The US has granted Google a patent on technology designed to enable targeted advertising based on a smartphone user’s environment.

In a case of science imitating fiction, Google envisages advertising based on prevailing weather conditions detected by sensors in mobile devices, according to the Telegraph.

The patent has been linked with the film, Minority Report, in which Tom Cruise's character is surrounded by highly targeted advertising.

“When determining what ads to serve to end users, the environmental factors can be used independently or in combination with matching of keywords associated with the advertisements and keywords in user search queries,” said the patent awarded by US authorities this week.  

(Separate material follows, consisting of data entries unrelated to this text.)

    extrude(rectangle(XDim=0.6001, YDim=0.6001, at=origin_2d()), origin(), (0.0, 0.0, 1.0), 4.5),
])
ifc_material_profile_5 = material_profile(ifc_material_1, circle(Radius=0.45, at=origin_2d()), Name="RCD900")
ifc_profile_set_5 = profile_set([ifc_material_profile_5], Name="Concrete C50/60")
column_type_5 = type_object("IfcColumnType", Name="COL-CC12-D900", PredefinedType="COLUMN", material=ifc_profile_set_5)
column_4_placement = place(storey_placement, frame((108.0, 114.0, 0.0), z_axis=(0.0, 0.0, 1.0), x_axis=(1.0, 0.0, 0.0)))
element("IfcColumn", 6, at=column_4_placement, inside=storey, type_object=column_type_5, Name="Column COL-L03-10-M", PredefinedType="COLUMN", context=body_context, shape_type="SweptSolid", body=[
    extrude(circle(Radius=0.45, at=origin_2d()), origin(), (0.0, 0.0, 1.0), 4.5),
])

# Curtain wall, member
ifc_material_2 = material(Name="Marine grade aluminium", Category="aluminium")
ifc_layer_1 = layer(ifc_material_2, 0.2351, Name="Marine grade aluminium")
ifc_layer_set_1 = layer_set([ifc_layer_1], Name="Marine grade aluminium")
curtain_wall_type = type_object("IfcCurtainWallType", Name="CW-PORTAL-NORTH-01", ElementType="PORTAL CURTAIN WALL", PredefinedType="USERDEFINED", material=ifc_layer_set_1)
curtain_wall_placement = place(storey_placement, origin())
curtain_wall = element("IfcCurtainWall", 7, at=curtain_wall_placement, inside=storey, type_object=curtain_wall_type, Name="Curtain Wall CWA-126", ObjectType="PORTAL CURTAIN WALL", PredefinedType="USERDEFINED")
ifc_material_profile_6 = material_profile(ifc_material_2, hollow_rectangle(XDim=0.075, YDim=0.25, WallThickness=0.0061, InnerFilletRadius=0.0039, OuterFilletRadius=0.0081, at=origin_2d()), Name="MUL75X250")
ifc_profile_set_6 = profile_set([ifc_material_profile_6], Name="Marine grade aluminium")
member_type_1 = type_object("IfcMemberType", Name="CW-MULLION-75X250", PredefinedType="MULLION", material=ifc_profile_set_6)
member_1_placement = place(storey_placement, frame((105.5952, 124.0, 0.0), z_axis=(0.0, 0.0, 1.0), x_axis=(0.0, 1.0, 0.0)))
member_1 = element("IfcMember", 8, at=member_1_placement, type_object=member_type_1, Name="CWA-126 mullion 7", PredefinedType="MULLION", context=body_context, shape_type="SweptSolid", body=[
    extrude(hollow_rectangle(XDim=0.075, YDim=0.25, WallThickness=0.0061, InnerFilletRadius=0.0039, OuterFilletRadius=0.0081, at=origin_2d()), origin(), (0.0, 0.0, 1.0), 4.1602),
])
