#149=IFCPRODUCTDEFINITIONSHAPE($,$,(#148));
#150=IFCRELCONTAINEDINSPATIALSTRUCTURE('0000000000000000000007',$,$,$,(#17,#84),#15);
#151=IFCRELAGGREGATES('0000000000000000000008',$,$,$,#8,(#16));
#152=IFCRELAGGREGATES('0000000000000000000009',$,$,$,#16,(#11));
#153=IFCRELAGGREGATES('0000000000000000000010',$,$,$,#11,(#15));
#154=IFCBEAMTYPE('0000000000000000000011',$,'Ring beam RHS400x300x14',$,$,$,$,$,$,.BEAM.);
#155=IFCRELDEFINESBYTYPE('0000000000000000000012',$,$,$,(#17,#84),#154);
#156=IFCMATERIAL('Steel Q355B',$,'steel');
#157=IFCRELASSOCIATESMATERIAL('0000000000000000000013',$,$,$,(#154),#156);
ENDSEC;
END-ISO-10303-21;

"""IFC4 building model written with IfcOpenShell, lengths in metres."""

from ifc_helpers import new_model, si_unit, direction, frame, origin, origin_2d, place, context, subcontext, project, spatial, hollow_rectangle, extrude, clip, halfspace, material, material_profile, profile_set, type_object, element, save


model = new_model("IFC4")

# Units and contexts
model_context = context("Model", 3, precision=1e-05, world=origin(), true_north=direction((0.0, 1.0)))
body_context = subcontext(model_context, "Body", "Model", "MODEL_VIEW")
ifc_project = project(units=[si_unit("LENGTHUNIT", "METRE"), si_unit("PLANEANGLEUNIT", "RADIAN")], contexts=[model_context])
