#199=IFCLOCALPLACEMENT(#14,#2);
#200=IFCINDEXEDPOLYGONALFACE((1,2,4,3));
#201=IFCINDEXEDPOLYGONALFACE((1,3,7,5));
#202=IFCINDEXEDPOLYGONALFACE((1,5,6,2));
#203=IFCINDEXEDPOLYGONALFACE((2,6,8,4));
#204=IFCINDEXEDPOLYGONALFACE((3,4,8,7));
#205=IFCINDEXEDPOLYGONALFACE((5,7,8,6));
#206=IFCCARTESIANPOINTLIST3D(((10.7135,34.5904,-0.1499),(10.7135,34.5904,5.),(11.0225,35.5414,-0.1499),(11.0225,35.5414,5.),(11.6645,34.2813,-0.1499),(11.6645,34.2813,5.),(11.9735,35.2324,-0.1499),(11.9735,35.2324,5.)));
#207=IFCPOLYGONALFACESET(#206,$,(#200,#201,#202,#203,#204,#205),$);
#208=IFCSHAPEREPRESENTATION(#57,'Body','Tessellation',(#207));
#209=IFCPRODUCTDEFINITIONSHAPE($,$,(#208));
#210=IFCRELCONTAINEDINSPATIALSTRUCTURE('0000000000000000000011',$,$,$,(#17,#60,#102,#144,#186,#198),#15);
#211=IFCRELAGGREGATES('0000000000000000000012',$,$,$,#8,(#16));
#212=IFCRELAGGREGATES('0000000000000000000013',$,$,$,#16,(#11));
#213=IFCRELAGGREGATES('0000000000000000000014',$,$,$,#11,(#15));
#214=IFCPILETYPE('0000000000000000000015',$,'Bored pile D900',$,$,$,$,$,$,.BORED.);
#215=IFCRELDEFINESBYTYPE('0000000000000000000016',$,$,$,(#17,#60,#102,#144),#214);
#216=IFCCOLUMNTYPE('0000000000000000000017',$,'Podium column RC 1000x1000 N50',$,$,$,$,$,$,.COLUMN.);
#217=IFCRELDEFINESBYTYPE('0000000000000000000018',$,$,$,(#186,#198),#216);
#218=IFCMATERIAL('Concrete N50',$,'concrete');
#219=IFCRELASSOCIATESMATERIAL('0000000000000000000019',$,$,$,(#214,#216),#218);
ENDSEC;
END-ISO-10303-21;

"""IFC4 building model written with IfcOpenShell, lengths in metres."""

Google has also patented the idea of analysing the background noise when a user makes a call to target advertising. For example, the system could detect if a user is at a concert and determine which one using their GPS location. It would then deliver advertising for albums, instruments or audio equipment.

The patent has not been welcomed by privacy groups, who say it could set a dangerous precedent.

“Not content with collecting vast amounts of information from your online activities, it seems Google are looking to start exploiting the offline space as well,” Gus Hosein of Privacy International told the BBC.

“Patents like this may never come to fruition, but they force us to ask ourselves: how many aspects of our lives will advertisers try to exploit, and where will it end?”

A Google spokesman said: "We file patent applications on a variety of ideas that our employees come up with. Some of those ideas later mature into real products or services, some don't. Prospective product announcements should not necessarily be inferred from our patent applications."

Patents are becoming the new battlefield for tech firms. Many seek to gain as many device-specific patents and patents around forward-thinking ideas as possible.                                                                                                                                     

So-called "blue-sky patents" consider what next-generation products and services may look like to in an attempt to secure a dominant position in future.